Meine erste Frage, liege ich richtig das ich zu Komunikation den MPI Adapter verwenden kann ?
Wollte es erst mal über Step7 über erreichbare Teilnehmer versuchen, da kommt aber immer die Fehlermeldung Adapter gestört.
Danach hab ich es über Proo Tool versucht, hab die Schnittstellen auch durch gemacht. Eine Verbindung konnte ich auch nicht erreichen.

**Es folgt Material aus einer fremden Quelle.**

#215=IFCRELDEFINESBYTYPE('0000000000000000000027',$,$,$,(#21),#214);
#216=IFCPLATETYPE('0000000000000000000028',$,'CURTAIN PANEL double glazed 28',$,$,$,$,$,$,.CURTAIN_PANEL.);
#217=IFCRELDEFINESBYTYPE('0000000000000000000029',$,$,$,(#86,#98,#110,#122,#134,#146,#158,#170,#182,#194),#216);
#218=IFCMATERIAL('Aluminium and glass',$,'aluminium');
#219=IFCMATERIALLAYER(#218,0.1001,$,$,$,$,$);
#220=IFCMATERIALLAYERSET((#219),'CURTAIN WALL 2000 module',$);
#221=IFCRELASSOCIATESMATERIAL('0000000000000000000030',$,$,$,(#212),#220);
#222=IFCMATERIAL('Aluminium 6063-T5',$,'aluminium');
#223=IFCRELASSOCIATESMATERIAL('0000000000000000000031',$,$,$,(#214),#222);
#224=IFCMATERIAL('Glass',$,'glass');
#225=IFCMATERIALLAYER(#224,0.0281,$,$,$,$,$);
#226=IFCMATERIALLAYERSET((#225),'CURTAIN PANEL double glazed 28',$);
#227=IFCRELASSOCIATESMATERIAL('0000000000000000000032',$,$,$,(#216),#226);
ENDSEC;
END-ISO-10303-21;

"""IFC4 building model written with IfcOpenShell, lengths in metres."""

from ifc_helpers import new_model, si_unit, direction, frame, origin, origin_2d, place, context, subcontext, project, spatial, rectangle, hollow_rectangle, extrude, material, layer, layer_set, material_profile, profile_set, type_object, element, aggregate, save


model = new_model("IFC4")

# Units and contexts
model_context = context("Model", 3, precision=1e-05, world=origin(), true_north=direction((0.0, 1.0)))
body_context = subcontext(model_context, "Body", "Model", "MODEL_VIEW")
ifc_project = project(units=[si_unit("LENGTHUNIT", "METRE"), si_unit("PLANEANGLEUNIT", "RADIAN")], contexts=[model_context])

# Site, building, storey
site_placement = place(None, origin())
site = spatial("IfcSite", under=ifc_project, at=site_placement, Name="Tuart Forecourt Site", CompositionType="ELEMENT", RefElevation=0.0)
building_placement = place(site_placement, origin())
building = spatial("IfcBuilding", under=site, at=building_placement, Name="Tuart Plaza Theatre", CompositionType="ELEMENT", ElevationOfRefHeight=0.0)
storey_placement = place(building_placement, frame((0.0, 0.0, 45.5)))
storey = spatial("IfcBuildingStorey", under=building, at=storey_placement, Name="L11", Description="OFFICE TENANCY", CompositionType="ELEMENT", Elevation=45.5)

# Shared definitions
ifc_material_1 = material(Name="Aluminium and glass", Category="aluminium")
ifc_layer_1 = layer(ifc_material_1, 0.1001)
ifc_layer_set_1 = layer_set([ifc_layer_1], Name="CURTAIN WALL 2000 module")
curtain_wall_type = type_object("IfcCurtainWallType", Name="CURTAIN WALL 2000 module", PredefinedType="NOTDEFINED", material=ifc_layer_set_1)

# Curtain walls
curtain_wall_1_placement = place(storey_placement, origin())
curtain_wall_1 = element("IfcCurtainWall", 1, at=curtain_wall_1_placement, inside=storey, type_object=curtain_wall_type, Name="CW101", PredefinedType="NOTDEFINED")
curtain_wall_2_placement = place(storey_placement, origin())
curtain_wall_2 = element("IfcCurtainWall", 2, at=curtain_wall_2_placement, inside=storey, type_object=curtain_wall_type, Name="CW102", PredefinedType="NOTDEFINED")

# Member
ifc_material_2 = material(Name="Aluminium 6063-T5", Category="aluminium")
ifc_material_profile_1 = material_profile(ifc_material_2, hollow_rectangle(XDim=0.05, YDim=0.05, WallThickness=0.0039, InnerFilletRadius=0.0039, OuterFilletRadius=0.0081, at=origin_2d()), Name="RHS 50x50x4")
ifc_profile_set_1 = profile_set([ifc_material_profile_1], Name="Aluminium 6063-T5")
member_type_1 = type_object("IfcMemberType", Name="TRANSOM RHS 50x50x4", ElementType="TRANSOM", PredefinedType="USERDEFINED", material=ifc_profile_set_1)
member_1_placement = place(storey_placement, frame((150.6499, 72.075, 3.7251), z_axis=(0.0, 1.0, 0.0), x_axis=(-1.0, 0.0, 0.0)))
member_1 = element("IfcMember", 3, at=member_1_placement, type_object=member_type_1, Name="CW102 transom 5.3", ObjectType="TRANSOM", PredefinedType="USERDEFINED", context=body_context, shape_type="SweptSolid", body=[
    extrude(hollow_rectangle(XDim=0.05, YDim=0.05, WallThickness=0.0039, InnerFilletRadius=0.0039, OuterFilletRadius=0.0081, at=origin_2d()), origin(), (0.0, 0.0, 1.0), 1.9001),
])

Vieleicht kann mir jemand weiterhelfen.

Mach ich vieleicht ein grundlegender Fehler ?

Gruß Markus


----------



## The Big B. (21 Juli 2010)

Hey,
hast du das OP7 in den Transfermodus gebracht? Beim einschalten ESC+Pfeilnachoben gedrückt?
Beim Kabel bin ich mir nicht ganz sicher aber ich meine dass man ein anderes benutzen musste, würde mich da aber nicht zu 100% festlegen.


----------



## Klärmolch (21 Juli 2010)

Hallo,
zum programmieren wird ein serielles Kabel 9 auf 15-polig benötigt.

Gruß
Klaus


----------



## AUDSUPERUSER (22 Juli 2010)

Klärmolch schrieb:


> Hallo,
> zum programmieren wird ein serielles Kabel 9 auf 15-polig benötigt.
> 
> Gruß
> Klaus



Ne, zum Programmieren braucht man kein Kabel, erst zum Download. Es gibt Protoolgeräte bei denen Siemens einen KabelCheck eingebaut hat. D.h. man kann das ding nur in den TransferModus bekommen, wenn man auch das TransferKabel angeschlossen hat.


----------



## Klärmolch (22 Juli 2010)

Zum Programmieren braucht man nur Protool Lite oder höher. (hatte ich vorausgesetzt.)
Der Transfermodus kann beim OP7 auch ohne angeschlossenes Kabel eingestellt werden.
(ist nur etwas Fummelei). Das Programm kann nur über COM1 oder COM2 und dem o.g. Kabel übertragen werden. Es funktionieren auch manche USB/RS232 Adapter, sofern sie auf COM1 oder COM2 konfiguriert sind.

@AUDSUPERUSER
Für mich ist das OP erst programmiert wenn das Programm auch drin ist.

Gruß
Klaus


----------



## Shortman (23 Juli 2010)

*Op7*

Der Transfer ist nur über ein V24-Kabel möglich (seriell), MPI geht nicht.
Sollte dies Probleme machen, dann die Baudrate auf 9600 runtersetzen, denn die neuen Lappis haben kleinere Pegel an der RS232, womit das OP7 Probleme hat.


----------



## Pockebrd (23 Juli 2010)

Hallo,
also ich bin noch nicht weiter gekommen.

Wenn ich das OP nur mit Spannung versorge, kommt die Meldung:
$ 551 SPS Adresse 2 nicht vorhanden (die Anzeige blinkt)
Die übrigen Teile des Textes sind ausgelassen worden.